Hongzheng Chen (Cornell University); Cody Hao Yu and Shuai Zheng (Boson AI); Zhen Zhang (Amazon Web Services); Zhiru Zhang (Cornell University); Yida Wang (Amazon Web Services)
Finally, it was time for my presentation. Despite being scheduled as the last talk in the final session, we still had around 30 attendees—thank you all for coming!
This work was completed during my internship at AWS in Fall 2022, just before ChatGPT was released. At that time, LLMs had not yet gained widespread use, and PyTorch 2.0 had not been released. Our project focused on balancing usability and efficiency in training large models. We aimed to enable users to easily integrate various optimization techniques—including high-performance library kernels and different parallelism schemes—without having to alter the model directly. This approach helps avoid future maintenance difficulties. To achieve this, we decoupled the optimizations from the model definition and encapsulated them within a set of schedule primitives. This design allows us to implement different parallelism schemes using native PyTorch, without the need to rewrite the model to incorporate Megatron modules.

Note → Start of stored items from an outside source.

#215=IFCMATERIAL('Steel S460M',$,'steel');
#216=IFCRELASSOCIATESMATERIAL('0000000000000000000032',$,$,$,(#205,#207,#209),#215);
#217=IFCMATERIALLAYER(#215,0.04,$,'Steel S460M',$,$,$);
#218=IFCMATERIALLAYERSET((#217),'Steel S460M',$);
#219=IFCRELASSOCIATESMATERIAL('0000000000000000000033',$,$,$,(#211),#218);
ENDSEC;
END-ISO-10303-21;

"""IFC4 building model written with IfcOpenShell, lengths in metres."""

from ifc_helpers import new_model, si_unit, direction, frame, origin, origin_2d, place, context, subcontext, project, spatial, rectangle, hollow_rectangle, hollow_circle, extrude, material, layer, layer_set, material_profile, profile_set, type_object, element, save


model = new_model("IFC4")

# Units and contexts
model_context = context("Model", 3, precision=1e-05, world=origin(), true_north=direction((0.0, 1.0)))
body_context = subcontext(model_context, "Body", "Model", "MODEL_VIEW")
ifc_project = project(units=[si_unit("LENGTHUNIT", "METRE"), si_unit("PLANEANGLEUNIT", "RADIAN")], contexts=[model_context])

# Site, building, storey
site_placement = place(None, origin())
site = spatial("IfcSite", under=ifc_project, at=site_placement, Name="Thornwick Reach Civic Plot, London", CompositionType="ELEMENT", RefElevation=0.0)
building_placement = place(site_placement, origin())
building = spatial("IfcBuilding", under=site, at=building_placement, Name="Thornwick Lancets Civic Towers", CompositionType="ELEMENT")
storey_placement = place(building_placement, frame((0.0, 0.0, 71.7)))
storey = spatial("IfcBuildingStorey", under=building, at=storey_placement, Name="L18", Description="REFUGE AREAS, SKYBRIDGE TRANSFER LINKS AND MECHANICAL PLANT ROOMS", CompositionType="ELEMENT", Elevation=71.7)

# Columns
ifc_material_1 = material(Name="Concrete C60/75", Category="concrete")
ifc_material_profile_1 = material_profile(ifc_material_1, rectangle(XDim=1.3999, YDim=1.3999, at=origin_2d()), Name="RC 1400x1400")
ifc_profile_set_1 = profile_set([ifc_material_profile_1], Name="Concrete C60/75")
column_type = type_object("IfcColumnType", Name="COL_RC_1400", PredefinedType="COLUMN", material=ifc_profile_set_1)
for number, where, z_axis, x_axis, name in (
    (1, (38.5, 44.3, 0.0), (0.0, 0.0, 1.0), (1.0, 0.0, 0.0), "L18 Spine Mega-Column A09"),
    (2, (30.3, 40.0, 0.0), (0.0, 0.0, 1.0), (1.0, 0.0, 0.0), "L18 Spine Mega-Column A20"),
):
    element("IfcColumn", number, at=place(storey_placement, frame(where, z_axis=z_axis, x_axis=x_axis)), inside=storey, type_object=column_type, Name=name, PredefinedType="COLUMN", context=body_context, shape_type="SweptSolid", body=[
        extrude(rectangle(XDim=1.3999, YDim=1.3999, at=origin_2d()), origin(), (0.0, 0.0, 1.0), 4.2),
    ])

It’s important to note that ASPLOS has a very long cycle nowadays; sometimes, it can take about a year from submission to presentation. Within this timeframe, significant changes can occur. For instance, last year, Megatron underwent major refactoring to enhance its modules, not only to support built-in models but also to facilitate their integration into other models. Meanwhile, PyTorch released version 2.0, further enabling users to leverage compiler techniques in their models.

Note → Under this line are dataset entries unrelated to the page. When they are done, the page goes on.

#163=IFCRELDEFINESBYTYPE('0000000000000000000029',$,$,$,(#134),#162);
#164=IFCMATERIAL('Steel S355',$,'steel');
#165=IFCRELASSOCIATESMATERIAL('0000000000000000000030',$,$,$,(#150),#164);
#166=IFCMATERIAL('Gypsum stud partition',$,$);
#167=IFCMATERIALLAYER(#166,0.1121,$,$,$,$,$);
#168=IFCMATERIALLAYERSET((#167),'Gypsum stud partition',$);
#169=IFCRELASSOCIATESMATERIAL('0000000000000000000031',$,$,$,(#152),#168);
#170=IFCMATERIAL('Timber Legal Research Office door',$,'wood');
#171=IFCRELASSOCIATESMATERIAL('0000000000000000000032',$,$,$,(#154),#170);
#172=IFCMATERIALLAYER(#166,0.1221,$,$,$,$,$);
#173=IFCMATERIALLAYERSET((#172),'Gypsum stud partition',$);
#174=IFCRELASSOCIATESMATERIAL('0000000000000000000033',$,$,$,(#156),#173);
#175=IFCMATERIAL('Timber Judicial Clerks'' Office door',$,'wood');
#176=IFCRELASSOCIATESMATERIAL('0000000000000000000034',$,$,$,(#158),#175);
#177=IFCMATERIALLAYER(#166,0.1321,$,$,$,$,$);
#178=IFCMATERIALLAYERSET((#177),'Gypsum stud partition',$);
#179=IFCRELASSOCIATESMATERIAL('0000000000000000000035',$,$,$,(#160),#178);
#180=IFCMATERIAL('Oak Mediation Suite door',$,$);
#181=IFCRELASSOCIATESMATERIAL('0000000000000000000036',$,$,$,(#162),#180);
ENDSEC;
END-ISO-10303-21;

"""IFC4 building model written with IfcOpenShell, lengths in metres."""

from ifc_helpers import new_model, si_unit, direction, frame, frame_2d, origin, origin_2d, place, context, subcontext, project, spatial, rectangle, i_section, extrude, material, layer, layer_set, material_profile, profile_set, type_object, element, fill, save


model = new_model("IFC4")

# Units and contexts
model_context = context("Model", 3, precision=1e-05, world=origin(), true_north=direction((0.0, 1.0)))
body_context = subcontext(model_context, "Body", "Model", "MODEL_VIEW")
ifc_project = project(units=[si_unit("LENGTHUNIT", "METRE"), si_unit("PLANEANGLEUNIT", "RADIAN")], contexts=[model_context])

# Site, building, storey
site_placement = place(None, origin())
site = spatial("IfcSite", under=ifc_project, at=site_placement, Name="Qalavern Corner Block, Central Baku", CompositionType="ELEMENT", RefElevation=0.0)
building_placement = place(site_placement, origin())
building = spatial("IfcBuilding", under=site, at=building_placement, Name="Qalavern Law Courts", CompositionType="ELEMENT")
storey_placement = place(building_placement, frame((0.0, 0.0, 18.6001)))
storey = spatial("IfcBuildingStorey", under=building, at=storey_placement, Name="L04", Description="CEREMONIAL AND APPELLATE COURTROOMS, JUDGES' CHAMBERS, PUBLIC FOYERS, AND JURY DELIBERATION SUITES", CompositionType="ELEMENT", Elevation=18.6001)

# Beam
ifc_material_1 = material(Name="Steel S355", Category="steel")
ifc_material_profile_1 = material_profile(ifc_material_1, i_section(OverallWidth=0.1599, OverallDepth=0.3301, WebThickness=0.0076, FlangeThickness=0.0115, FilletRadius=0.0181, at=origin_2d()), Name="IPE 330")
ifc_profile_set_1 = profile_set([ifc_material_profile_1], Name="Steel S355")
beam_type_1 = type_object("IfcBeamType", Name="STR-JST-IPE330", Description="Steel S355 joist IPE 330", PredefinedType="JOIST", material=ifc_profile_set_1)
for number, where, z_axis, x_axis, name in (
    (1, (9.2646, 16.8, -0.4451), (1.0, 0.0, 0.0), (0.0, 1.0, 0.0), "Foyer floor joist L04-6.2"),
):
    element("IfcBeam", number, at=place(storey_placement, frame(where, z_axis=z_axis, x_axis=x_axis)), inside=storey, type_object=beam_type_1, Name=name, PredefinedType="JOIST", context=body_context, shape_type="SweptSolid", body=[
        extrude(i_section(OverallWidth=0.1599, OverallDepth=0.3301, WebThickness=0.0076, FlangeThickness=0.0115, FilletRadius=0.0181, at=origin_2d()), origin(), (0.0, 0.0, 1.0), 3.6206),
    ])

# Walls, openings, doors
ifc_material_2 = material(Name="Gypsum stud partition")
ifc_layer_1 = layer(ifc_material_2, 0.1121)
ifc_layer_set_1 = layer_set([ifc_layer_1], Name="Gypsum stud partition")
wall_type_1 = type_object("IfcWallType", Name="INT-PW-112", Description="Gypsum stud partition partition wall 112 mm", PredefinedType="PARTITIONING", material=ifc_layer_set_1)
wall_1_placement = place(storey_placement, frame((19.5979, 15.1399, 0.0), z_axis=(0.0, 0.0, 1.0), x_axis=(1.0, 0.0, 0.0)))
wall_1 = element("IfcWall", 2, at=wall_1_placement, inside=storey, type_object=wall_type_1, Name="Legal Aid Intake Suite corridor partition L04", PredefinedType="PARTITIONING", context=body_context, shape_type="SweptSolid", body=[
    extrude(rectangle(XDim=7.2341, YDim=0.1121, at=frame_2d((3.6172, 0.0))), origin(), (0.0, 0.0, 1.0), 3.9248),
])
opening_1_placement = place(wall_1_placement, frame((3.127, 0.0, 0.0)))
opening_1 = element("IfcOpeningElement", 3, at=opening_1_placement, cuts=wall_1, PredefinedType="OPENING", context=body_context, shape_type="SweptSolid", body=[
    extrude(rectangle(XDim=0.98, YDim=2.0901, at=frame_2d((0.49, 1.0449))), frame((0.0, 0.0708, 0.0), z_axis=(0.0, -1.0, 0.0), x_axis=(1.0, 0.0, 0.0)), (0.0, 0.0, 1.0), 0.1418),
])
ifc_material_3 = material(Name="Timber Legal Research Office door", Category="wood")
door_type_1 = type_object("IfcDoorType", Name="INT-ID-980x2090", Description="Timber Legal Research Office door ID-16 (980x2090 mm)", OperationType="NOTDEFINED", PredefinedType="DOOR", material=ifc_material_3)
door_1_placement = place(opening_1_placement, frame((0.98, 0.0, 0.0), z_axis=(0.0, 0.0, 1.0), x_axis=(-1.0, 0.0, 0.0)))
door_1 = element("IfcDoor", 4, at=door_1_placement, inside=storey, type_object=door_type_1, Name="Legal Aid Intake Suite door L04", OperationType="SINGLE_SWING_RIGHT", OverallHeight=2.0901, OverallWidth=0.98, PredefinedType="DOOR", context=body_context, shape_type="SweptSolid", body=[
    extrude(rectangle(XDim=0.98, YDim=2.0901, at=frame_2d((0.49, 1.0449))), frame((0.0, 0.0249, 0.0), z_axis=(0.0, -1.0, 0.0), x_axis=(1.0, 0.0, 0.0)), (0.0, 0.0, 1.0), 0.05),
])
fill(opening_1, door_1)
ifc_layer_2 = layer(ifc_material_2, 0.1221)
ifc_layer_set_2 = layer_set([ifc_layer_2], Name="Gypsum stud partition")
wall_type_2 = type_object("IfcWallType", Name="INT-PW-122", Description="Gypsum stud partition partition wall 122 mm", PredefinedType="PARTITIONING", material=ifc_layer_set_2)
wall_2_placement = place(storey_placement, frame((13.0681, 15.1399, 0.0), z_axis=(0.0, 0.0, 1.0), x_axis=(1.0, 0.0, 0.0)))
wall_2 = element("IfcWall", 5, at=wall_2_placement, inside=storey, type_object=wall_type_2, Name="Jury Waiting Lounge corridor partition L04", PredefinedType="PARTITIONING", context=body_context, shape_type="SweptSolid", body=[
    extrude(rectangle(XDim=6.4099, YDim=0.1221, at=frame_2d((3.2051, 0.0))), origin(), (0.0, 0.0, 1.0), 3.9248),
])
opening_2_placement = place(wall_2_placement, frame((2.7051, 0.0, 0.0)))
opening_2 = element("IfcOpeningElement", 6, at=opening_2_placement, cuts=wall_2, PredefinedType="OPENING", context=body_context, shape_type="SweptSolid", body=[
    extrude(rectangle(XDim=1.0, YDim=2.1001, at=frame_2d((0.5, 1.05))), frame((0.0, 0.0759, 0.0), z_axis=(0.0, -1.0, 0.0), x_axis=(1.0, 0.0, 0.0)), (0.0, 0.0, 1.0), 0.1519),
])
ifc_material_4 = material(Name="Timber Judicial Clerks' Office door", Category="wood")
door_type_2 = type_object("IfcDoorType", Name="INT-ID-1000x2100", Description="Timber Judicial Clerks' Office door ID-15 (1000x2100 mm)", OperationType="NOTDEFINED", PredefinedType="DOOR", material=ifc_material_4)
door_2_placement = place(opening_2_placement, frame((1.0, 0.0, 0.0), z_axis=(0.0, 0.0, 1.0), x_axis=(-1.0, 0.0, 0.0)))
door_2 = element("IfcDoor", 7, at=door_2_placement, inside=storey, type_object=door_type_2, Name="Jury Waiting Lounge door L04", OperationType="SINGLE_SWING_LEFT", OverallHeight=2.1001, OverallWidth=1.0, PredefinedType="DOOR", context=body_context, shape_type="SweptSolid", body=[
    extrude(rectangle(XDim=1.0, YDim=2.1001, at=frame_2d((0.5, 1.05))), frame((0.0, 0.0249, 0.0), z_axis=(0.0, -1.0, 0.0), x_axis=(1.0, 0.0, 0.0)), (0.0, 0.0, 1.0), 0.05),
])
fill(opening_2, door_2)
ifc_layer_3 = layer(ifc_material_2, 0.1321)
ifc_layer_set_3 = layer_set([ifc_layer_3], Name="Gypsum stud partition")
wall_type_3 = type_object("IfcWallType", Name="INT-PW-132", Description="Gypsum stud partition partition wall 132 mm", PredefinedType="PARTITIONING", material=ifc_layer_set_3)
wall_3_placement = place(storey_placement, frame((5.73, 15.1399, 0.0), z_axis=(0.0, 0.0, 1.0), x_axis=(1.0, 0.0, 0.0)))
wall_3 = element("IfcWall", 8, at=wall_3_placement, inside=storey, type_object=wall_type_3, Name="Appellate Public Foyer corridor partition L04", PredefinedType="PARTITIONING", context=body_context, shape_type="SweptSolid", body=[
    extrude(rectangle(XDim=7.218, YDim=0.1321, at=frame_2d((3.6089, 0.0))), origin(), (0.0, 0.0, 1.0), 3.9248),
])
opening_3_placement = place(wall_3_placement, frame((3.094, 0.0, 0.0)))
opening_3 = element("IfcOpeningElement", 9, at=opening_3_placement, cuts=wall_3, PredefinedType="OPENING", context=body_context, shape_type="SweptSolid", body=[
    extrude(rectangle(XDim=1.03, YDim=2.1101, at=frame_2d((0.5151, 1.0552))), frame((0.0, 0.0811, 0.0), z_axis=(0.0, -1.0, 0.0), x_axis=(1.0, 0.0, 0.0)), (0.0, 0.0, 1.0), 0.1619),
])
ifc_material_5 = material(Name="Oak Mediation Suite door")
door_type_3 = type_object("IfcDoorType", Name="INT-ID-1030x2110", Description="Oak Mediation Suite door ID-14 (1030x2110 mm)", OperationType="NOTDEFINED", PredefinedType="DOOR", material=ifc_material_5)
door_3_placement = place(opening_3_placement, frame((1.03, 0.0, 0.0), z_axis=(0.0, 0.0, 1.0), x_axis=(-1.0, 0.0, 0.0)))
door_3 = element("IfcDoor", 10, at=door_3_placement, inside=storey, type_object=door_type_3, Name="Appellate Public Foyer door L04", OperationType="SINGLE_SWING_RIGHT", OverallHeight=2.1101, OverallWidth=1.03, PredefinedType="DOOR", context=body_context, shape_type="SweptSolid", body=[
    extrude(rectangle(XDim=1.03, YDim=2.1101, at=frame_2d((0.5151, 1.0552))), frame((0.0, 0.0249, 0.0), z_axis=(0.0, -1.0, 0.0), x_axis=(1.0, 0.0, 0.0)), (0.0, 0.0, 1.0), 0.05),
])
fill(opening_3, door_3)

This year’s ASPLOS featured an extremely packed schedule. For future iterations, it may be beneficial for the program committee to consider a more balanced schedule. Extending the conference by an additional day could prevent sessions from running as late as 6:30 PM, which would likely improve the overall experience. Surprisingly, this year’s event did not include sponsor booths, which was also an unusual deviation from the norm.
Despite these quirks, the conference was highly successful, and I am eagerly anticipating next year’s ASPLOS.